# FreeBSD 11 Release - bhyve and Windows 7



## SemFLY (Sep 25, 2016)

Hi! 

Host computer

*OS* FreeBSD 11 Release
*Processor* Intel(R) Core(TM) i7-4790K CPU @ 4.00GHz (3997.77-MHz K8-class CPU)
*real memory*  = 34359738368 (32768 MB)
*avail memory* = 33237377024 (31697 MB)
*SSD x 2* - Samsung SSD 850 EVO 500GB EMT01B6Q _(RAID Stripe - hardware)_

Guest.
I install Windows 7 Pro and Ultimate versions under VM bhyve.
Start install Windows 7.
Copynig files very fast, one second!
Installation goes two - three hours on this stage "Expandeding Windows files..."
and three dots move... move... move... install don't freeze, vm bhyve work normal.
But two - three hours... 0% or 3,5,6 or 8%...

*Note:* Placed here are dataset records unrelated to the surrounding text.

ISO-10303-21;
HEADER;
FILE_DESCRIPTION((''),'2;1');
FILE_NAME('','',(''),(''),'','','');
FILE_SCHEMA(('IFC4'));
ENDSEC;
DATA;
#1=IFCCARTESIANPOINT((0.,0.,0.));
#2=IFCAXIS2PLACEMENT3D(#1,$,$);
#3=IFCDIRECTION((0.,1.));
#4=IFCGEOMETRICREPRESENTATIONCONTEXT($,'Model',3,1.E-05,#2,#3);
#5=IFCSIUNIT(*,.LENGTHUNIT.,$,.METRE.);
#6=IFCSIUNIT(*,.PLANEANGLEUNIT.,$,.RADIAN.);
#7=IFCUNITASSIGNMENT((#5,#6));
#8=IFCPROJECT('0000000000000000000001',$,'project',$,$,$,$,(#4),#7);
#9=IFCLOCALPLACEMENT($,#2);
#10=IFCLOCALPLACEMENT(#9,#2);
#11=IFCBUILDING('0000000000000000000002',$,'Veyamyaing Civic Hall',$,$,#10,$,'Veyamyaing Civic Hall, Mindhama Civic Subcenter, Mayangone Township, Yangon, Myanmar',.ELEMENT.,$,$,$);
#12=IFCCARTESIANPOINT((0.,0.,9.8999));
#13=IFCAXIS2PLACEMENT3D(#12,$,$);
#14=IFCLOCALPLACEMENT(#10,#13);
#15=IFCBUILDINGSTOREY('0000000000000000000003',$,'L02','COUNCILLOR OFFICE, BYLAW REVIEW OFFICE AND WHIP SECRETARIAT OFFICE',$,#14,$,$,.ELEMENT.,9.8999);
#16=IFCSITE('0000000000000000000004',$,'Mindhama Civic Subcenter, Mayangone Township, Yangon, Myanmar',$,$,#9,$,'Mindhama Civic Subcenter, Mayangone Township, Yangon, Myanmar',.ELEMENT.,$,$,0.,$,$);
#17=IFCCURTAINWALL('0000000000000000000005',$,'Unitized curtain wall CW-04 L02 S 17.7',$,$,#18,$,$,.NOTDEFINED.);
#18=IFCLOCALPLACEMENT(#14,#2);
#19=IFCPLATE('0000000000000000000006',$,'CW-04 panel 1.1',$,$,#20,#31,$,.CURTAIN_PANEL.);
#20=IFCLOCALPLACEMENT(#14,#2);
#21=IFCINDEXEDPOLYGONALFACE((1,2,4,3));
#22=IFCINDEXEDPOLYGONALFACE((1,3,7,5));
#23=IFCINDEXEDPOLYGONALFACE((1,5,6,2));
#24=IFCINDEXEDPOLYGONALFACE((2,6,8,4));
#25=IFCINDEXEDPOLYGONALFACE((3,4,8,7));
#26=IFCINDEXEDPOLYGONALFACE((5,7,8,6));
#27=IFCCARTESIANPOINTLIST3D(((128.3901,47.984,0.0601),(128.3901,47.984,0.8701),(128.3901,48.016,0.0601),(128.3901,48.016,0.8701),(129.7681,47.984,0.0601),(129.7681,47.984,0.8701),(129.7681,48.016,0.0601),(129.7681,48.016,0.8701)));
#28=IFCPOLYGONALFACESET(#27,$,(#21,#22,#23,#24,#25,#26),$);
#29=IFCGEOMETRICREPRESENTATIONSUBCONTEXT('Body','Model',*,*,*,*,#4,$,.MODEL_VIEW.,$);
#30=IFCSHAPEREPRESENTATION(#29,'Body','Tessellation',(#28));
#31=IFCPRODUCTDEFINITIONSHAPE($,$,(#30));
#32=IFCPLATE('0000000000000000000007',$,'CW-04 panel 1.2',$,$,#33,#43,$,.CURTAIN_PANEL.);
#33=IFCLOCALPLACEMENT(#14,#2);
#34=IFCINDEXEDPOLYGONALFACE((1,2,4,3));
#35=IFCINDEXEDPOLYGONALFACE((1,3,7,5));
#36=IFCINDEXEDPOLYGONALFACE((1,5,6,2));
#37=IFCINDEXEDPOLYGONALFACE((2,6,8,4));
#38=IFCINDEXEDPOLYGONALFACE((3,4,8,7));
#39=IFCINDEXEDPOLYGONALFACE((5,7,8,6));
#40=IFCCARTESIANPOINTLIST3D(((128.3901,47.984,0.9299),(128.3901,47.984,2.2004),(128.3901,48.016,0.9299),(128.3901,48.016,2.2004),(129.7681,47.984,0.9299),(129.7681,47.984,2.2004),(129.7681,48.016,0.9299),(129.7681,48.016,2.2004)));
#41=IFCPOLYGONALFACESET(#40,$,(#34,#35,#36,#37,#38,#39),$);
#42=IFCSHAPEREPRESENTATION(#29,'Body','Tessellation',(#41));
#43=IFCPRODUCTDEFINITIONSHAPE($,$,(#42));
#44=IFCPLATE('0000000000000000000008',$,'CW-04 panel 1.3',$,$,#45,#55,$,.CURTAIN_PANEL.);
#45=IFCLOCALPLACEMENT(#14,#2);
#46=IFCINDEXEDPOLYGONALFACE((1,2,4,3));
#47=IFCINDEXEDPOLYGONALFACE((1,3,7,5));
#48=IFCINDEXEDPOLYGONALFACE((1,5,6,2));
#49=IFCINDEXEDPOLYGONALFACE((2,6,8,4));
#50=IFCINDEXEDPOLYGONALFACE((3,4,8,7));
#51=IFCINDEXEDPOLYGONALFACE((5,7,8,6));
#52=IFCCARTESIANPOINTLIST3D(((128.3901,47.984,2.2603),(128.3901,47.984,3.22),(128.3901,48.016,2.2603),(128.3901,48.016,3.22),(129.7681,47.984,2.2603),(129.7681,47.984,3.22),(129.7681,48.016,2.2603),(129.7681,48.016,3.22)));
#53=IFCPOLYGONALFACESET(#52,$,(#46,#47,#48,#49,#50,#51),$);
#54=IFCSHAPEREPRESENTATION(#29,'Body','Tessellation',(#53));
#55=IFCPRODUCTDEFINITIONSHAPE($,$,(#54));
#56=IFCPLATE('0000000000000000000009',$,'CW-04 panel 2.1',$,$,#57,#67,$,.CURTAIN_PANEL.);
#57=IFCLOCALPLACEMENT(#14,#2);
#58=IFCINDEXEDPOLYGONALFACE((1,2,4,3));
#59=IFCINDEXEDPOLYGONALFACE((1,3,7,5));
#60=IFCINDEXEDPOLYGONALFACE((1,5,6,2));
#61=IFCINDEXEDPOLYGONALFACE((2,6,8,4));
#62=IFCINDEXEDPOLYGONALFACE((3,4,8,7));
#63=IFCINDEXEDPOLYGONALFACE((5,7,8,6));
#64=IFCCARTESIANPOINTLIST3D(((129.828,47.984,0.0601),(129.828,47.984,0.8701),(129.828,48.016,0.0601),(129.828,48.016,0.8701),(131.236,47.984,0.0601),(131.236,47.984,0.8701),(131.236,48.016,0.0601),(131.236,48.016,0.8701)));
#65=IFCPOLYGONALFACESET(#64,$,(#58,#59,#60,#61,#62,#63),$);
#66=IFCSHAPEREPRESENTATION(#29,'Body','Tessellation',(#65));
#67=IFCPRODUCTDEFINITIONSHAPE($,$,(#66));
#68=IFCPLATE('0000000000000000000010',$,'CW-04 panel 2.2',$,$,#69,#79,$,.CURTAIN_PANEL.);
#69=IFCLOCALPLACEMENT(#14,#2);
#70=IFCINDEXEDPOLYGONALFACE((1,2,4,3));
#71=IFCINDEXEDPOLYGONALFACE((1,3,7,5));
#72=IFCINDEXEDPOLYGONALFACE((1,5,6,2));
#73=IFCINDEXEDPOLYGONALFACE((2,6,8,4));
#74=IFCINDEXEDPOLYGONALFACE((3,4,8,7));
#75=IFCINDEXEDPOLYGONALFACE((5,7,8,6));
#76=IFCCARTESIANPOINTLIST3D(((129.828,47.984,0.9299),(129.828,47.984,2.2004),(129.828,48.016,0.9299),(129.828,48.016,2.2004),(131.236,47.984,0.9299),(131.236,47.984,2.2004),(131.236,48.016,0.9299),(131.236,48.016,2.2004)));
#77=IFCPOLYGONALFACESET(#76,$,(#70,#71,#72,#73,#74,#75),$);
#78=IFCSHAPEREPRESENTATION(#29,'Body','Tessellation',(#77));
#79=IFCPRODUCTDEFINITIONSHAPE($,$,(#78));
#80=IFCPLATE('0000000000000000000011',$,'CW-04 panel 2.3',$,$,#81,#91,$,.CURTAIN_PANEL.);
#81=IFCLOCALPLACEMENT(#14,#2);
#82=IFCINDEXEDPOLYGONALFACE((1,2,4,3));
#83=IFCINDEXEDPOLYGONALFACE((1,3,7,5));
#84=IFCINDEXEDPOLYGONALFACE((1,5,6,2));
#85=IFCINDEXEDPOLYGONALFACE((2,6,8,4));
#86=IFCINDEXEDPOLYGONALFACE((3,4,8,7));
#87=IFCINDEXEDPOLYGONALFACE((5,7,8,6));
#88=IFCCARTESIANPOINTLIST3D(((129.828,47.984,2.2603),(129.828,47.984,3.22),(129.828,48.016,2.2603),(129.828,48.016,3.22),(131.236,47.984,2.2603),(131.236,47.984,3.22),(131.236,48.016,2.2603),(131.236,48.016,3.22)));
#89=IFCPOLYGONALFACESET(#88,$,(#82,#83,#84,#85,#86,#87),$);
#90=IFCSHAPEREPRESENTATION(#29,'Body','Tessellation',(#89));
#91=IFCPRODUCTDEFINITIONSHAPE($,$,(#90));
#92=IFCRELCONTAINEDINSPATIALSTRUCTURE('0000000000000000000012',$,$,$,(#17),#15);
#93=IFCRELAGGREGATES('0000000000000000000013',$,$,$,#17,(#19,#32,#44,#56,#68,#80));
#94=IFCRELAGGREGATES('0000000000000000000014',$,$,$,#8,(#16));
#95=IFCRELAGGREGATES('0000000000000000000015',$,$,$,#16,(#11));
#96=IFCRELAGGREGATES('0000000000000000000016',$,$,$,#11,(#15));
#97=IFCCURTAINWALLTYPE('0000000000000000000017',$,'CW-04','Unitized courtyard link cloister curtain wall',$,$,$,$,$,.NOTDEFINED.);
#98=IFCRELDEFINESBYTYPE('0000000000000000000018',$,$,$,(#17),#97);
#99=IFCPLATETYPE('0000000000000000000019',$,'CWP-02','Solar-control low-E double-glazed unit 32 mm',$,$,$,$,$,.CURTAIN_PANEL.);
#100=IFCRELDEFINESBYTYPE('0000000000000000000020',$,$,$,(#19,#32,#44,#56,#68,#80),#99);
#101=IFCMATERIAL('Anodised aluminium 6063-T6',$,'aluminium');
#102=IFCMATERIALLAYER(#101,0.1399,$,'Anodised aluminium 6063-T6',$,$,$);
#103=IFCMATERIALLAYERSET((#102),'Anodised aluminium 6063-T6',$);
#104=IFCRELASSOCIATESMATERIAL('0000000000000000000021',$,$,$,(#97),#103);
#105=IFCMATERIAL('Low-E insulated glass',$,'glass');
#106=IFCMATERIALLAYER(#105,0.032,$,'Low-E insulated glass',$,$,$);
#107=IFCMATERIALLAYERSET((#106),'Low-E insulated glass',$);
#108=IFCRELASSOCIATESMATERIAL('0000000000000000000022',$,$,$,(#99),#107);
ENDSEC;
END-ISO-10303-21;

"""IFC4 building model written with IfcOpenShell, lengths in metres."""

from ifc_helpers import new_model, si_unit, direction, frame, origin, origin_2d, place, context, subcontext, project, spatial, rectangle, extrude, material, layer, layer_set, type_object, element, aggregate, save


model = new_model("IFC4")

# Units and contexts
model_context = context("Model", 3, precision=1e-05, world=origin(), true_north=direction((0.0, 1.0)))
body_context = subcontext(model_context, "Body", "Model", "MODEL_VIEW")
ifc_project = project(units=[si_unit("LENGTHUNIT", "METRE"), si_unit("PLANEANGLEUNIT", "RADIAN")], contexts=[model_context])

# Site, building, storey
site_placement = place(None, origin())
site = spatial("IfcSite", under=ifc_project, at=site_placement, Name="Mindhama Civic Subcenter, Mayangone Township, Yangon, Myanmar", LongName="Mindhama Civic Subcenter, Mayangone Township, Yangon, Myanmar", CompositionType="ELEMENT", RefElevation=0.0)
building_placement = place(site_placement, origin())
building = spatial("IfcBuilding", under=site, at=building_placement, Name="Veyamyaing Civic Hall", LongName="Veyamyaing Civic Hall, Mindhama Civic Subcenter, Mayangone Township, Yangon, Myanmar", CompositionType="ELEMENT")
storey_placement = place(building_placement, frame((0.0, 0.0, 9.8999)))
storey = spatial("IfcBuildingStorey", under=building, at=storey_placement, Name="L02", Description="COUNCILLOR OFFICE, BYLAW REVIEW OFFICE AND WHIP SECRETARIAT OFFICE", CompositionType="ELEMENT", Elevation=9.8999)

# Curtain wall, plates
ifc_material_1 = material(Name="Anodised aluminium 6063-T6", Category="aluminium")
ifc_layer_1 = layer(ifc_material_1, 0.1399, Name="Anodised aluminium 6063-T6")
ifc_layer_set_1 = layer_set([ifc_layer_1], Name="Anodised aluminium 6063-T6")
curtain_wall_type = type_object("IfcCurtainWallType", Name="CW-04", Description="Unitized courtyard link cloister curtain wall", PredefinedType="NOTDEFINED", material=ifc_layer_set_1)
curtain_wall_placement = place(storey_placement, origin())
curtain_wall = element("IfcCurtainWall", 1, at=curtain_wall_placement, inside=storey, type_object=curtain_wall_type, Name="Unitized curtain wall CW-04 L02 S 17.7", PredefinedType="NOTDEFINED")
ifc_material_2 = material(Name="Low-E insulated glass", Category="glass")
ifc_layer_2 = layer(ifc_material_2, 0.032, Name="Low-E insulated glass")
ifc_layer_set_2 = layer_set([ifc_layer_2], Name="Low-E insulated glass")
plate_type = type_object("IfcPlateType", Name="CWP-02", Description="Solar-control low-E double-glazed unit 32 mm", PredefinedType="CURTAIN_PANEL", material=ifc_layer_set_2)
plate_1_placement = place(storey_placement, frame((129.0791, 48.0, 0.0601), z_axis=(0.0, 0.0, 1.0), x_axis=(1.0, 0.0, 0.0)))
plate_1 = element("IfcPlate", 2, at=plate_1_placement, type_object=plate_type, Name="CW-04 panel 1.1", PredefinedType="CURTAIN_PANEL", context=body_context, shape_type="SweptSolid", body=[
    extrude(rectangle(XDim=1.3779, YDim=0.032, at=origin_2d()), origin(), (0.0, 0.0, 1.0), 0.8101),
])
plate_2_placement = place(storey_placement, frame((129.0791, 48.0, 0.9299), z_axis=(0.0, 0.0, 1.0), x_axis=(1.0, 0.0, 0.0)))
plate_2 = element("IfcPlate", 3, at=plate_2_placement, type_object=plate_type, Name="CW-04 panel 1.2", PredefinedType="CURTAIN_PANEL", context=body_context, shape_type="SweptSolid", body=[
    extrude(rectangle(XDim=1.3779, YDim=0.032, at=origin_2d()), origin(), (0.0, 0.0, 1.0), 1.2705),
])
plate_3_placement = place(storey_placement, frame((129.0791, 48.0, 2.2603), z_axis=(0.0, 0.0, 1.0), x_axis=(1.0, 0.0, 0.0)))
plate_3 = element("IfcPlate", 4, at=plate_3_placement, type_object=plate_type, Name="CW-04 panel 1.3", PredefinedType="CURTAIN_PANEL", context=body_context, shape_type="SweptSolid", body=[
    extrude(rectangle(XDim=1.3779, YDim=0.032, at=origin_2d()), origin(), (0.0, 0.0, 1.0), 0.9597),
])
plate_4_placement = place(storey_placement, frame((130.532, 48.0, 0.0601), z_axis=(0.0, 0.0, 1.0), x_axis=(1.0, 0.0, 0.0)))
plate_4 = element("IfcPlate", 5, at=plate_4_placement, type_object=plate_type, Name="CW-04 panel 2.1", PredefinedType="CURTAIN_PANEL", context=body_context, shape_type="SweptSolid", body=[
    extrude(rectangle(XDim=1.408, YDim=0.032, at=origin_2d()), origin(), (0.0, 0.0, 1.0), 0.8101),
])
plate_5_placement = place(storey_placement, frame((130.532, 48.0, 0.9299), z_axis=(0.0, 0.0, 1.0), x_axis=(1.0, 0.0, 0.0)))
plate_5 = element("IfcPlate", 6, at=plate_5_placement, type_object=plate_type, Name="CW-04 panel 2.2", PredefinedType="CURTAIN_PANEL", context=body_context, shape_type="SweptSolid", body=[
    extrude(rectangle(XDim=1.408, YDim=0.032, at=origin_2d()), origin(), (0.0, 0.0, 1.0), 1.2705),
])
plate_6_placement = place(storey_placement, frame((130.532, 48.0, 2.2603), z_axis=(0.0, 0.0, 1.0), x_axis=(1.0, 0.0, 0.0)))
plate_6 = element("IfcPlate", 7, at=plate_6_placement, type_object=plate_type, Name="CW-04 panel 2.3", PredefinedType="CURTAIN_PANEL", context=body_context, shape_type="SweptSolid", body=[
    extrude(rectangle(XDim=1.408, YDim=0.032, at=origin_2d()), origin(), (0.0, 0.0, 1.0), 0.9597),
])
aggregate(curtain_wall, [plate_1, plate_2, plate_3, plate_4, plate_5, plate_6])

save(model, "model.ifc")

After install finish all working very quckly, excellent boot, reboot system, RDP, install program, work glass effect(Aero theme), sound, video and etc.

Another system Windows 8, 8.1, Windows Server system, CentOS, FreeBSD and etc.
No problem with long installation, 5 - 10 minutes.


May be who know, why install only Windows 7 is too long ?
With achi problem and installer old, may be this ?

What ideas ?


----------



## grehan@ (Sep 26, 2016)

Win 7 is a slow install, but 2-3 hours does seem excessive (30-45 mins is more like it).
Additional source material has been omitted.